Incorporating indel channels into average-case analysis of seed-chain-extend
Carnegie Mellon University, Pittsburgh, PA, USA
The 30-Second View
IN SHORT: This paper addresses the core pain point of bridging the theoretical gap for the widely used seed-chain-extend heuristic by providing the first rigorous average-case analysis that accounts for insertions and deletions (indels), not just substitutions.
Innovation (TL;DR)
- Methodology Introduces a generalized definition of 'recoverability' and a 'homologous path' to mathematically model the correct alignment under indel mutation channels, moving beyond the simpler 'homologous diagonal' used for substitutions only.

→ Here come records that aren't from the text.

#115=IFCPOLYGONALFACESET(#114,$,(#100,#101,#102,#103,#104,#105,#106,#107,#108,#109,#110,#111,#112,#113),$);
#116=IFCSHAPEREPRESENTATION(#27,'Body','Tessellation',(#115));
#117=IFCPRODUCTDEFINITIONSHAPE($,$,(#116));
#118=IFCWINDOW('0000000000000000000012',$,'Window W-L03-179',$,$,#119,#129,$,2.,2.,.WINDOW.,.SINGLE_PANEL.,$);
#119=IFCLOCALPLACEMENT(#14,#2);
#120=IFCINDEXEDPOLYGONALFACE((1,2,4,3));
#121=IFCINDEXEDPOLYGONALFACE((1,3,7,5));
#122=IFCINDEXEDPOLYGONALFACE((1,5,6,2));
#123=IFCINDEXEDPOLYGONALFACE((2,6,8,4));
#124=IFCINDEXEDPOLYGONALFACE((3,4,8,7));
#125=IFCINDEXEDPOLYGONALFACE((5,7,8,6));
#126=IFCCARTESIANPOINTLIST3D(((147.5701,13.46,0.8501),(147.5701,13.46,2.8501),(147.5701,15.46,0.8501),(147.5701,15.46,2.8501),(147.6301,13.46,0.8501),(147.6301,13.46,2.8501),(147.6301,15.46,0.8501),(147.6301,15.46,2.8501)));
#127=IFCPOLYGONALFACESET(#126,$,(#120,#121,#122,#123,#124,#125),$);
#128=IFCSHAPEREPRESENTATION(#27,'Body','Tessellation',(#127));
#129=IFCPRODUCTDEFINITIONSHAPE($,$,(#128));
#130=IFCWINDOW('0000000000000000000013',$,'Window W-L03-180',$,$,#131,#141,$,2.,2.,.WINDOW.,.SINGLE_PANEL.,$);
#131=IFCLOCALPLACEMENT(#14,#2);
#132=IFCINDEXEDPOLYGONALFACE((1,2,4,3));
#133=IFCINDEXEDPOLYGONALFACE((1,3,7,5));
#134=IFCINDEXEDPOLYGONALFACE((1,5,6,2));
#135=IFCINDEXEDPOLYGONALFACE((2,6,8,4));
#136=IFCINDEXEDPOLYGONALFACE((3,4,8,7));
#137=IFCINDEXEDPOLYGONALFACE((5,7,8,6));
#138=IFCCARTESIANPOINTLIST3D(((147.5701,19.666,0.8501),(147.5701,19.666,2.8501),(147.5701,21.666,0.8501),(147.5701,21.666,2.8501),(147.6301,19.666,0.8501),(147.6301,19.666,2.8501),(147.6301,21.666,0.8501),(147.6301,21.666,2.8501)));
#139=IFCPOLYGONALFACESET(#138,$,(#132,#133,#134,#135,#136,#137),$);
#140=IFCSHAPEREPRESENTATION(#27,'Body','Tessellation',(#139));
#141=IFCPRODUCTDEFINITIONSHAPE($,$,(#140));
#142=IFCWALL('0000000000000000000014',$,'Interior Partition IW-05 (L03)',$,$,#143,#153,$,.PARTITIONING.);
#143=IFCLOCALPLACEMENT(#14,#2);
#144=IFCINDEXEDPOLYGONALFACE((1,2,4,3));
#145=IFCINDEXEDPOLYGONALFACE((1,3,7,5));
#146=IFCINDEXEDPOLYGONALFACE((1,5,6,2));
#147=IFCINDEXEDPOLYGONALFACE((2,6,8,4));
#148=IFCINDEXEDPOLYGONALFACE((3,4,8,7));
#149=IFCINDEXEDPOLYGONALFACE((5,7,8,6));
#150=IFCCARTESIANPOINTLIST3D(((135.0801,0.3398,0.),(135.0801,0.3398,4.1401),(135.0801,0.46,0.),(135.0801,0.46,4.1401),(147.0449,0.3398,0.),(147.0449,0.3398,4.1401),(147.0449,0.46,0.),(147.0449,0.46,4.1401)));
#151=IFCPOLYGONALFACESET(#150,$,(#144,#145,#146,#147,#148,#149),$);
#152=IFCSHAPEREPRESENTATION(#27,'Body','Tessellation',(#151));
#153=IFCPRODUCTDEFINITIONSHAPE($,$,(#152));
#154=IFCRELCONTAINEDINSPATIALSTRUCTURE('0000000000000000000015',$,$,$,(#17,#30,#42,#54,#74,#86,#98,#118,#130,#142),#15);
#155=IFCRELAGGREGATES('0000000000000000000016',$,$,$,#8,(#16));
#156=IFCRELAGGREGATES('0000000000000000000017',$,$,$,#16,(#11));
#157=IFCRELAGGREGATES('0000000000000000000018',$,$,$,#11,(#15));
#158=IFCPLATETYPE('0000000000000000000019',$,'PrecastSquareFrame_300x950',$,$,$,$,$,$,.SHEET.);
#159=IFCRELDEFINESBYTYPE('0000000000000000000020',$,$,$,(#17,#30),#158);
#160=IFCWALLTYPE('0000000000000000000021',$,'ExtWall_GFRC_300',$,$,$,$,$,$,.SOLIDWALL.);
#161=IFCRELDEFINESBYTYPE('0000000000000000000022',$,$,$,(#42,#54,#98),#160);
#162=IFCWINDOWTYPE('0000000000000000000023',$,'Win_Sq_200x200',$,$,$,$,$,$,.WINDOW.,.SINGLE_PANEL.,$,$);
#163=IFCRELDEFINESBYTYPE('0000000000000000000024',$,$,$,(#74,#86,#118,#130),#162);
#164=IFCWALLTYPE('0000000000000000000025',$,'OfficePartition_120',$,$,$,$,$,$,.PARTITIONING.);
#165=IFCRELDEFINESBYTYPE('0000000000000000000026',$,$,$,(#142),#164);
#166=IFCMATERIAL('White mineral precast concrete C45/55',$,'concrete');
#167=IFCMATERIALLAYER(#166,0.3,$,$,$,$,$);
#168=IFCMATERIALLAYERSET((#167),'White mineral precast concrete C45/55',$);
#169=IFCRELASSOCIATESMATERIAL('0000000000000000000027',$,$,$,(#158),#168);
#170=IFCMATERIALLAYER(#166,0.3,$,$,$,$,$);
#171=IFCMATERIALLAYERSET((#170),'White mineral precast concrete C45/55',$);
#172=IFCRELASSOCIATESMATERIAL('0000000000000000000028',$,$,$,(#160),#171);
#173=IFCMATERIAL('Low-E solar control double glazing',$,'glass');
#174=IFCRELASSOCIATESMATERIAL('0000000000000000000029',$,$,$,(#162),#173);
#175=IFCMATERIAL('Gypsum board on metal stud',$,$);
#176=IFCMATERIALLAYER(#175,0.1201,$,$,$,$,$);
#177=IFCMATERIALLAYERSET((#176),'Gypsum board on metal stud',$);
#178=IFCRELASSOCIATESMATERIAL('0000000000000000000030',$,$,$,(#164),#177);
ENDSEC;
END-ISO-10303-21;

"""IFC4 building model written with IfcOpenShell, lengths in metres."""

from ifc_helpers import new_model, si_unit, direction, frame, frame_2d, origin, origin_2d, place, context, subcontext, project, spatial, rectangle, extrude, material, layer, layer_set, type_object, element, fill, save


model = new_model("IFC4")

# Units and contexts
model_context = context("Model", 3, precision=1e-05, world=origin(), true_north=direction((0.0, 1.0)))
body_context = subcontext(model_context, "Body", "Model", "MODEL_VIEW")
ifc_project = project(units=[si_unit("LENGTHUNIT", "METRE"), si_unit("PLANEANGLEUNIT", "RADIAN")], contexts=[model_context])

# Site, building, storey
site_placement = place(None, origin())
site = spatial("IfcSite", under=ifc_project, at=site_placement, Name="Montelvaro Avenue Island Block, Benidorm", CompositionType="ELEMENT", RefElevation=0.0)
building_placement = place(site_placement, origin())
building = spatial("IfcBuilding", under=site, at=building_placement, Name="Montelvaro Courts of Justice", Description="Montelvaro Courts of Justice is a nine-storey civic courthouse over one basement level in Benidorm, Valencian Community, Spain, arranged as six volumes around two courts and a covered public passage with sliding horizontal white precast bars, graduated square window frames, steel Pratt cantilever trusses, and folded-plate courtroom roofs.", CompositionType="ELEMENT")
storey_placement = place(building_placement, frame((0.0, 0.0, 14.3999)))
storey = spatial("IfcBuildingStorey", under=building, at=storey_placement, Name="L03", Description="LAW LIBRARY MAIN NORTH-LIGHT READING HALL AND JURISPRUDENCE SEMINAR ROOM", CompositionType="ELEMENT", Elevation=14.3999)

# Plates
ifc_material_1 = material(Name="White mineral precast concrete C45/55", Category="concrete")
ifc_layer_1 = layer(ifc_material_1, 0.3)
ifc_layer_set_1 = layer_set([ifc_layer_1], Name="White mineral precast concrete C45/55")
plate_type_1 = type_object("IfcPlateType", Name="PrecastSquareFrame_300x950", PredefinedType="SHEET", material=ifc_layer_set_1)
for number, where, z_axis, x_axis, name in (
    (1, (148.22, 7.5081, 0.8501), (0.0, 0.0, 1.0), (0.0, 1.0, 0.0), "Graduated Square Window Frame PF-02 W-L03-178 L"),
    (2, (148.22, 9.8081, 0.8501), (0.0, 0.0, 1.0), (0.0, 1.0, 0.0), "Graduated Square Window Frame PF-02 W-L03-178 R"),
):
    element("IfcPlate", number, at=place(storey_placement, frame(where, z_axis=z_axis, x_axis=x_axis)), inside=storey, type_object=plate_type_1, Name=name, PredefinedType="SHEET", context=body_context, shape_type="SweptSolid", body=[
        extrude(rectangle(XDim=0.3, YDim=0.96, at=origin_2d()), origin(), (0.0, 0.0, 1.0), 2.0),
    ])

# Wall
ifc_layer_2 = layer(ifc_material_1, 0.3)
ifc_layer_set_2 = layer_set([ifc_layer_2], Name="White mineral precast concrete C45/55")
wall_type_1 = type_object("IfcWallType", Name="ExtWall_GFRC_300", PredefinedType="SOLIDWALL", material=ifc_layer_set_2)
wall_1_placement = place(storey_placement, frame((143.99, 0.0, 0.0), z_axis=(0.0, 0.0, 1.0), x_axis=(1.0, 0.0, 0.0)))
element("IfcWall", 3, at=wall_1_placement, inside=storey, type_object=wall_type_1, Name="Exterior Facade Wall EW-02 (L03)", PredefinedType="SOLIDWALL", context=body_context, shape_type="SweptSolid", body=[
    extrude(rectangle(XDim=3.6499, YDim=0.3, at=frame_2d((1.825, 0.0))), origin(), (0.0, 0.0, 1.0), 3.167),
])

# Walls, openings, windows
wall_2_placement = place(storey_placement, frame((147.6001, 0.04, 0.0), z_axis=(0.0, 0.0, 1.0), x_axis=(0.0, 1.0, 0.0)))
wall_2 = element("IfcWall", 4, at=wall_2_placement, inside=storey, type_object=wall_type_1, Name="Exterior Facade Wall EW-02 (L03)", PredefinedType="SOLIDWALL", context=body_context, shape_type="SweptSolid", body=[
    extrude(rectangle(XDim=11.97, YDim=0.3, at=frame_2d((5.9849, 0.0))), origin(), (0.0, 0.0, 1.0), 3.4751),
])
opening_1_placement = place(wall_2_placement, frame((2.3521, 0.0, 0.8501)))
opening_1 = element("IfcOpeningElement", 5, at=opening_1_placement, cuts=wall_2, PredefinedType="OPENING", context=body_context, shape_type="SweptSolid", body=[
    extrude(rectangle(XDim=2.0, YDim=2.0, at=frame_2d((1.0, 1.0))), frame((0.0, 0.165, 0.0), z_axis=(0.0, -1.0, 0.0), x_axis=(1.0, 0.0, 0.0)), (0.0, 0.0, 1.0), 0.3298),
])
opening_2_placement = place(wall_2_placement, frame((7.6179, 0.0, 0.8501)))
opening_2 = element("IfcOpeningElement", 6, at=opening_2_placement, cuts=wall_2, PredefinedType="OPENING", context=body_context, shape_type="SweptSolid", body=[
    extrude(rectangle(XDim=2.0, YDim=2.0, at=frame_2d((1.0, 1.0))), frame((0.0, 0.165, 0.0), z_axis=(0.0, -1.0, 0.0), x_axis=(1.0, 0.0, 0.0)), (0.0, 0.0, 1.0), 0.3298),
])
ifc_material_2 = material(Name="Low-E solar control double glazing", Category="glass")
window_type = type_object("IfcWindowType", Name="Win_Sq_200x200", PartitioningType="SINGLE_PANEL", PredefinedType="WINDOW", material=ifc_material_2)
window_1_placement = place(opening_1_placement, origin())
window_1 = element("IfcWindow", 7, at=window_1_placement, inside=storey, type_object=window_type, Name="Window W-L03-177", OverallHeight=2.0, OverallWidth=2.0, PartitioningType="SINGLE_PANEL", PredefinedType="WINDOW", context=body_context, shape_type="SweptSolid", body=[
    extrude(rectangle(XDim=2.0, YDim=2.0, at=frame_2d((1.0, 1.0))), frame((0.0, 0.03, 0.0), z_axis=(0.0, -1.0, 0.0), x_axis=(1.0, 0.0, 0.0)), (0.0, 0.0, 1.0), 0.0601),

- Theory Develops new mathematical machinery to handle the dependence structure of neighboring anchors and the existence of 'clipping anchors' (partially correct anchors), which are unique challenges introduced by indels.
- Theory Proves that under a total mutation rate θ_T < 0.159, optimal linear-gap cost chaining achieves an expected recoverability of ≥ 1 - O(1/√m), generalizing the prior substitution-only result to a biologically realistic model.
Key conclusions
- The expected recoverability of an optimal chain under linear-gap cost chaining is ≥ 1 - O(1/√m) when the total mutation rate θ_T (sum of substitution, insertion, deletion rates) is less than 0.159.
- The expected runtime of the algorithm is O(m n^(3.15·θ_T) log n). For example, at a θ_T of 0.05 (similar to human-chimp divergence), the exponent is ~1.12, leading to near-linear scaling.
- The analysis successfully bridges theory and practice by extending the proof framework to handle indels, justifying the heuristic's empirical effectiveness on real genomic data which contains indels.
Abstract: Given a sequence s1 of n letters drawn i.i.d. from an alphabet of size σ and a mutated substring s2 of length m<n, we often want to recover the mutation history that generated s2 from s1. Modern sequence aligners are widely used for this task, and many employ the seed-chain-extend heuristic with k-mer seeds. Previously, Shaw and Yu showed that optimal linear-gap cost chaining can produce a chain with 1−O(1/m) recoverability, the proportion of the mutation history that is recovered, in O(mn^(2.43θ) log n) expected time, where θ<0.206 is the mutation rate under a substitution-only channel and s1 is assumed to be uniformly random. However, a gap remains between theory and practice, since real genomic data includes insertions and deletions (indels), and yet seed-chain-extend remains effective. In this paper, we generalize those prior results by introducing mathematical machinery to deal with the two new obstacles introduced by indel channels: the dependence of neighboring anchors and the presence of anchors that are only partially correct. We are thus able to prove that the expected recoverability of an optimal chain is ≥1−O(1/√m) and the expected runtime is O(mn^(3.15·θ_T) log n), when the total mutation rate given by the sum of the substitution, insertion, and deletion mutation rates (θ_T = θ_i + θ_d + θ_s) is less than 0.159.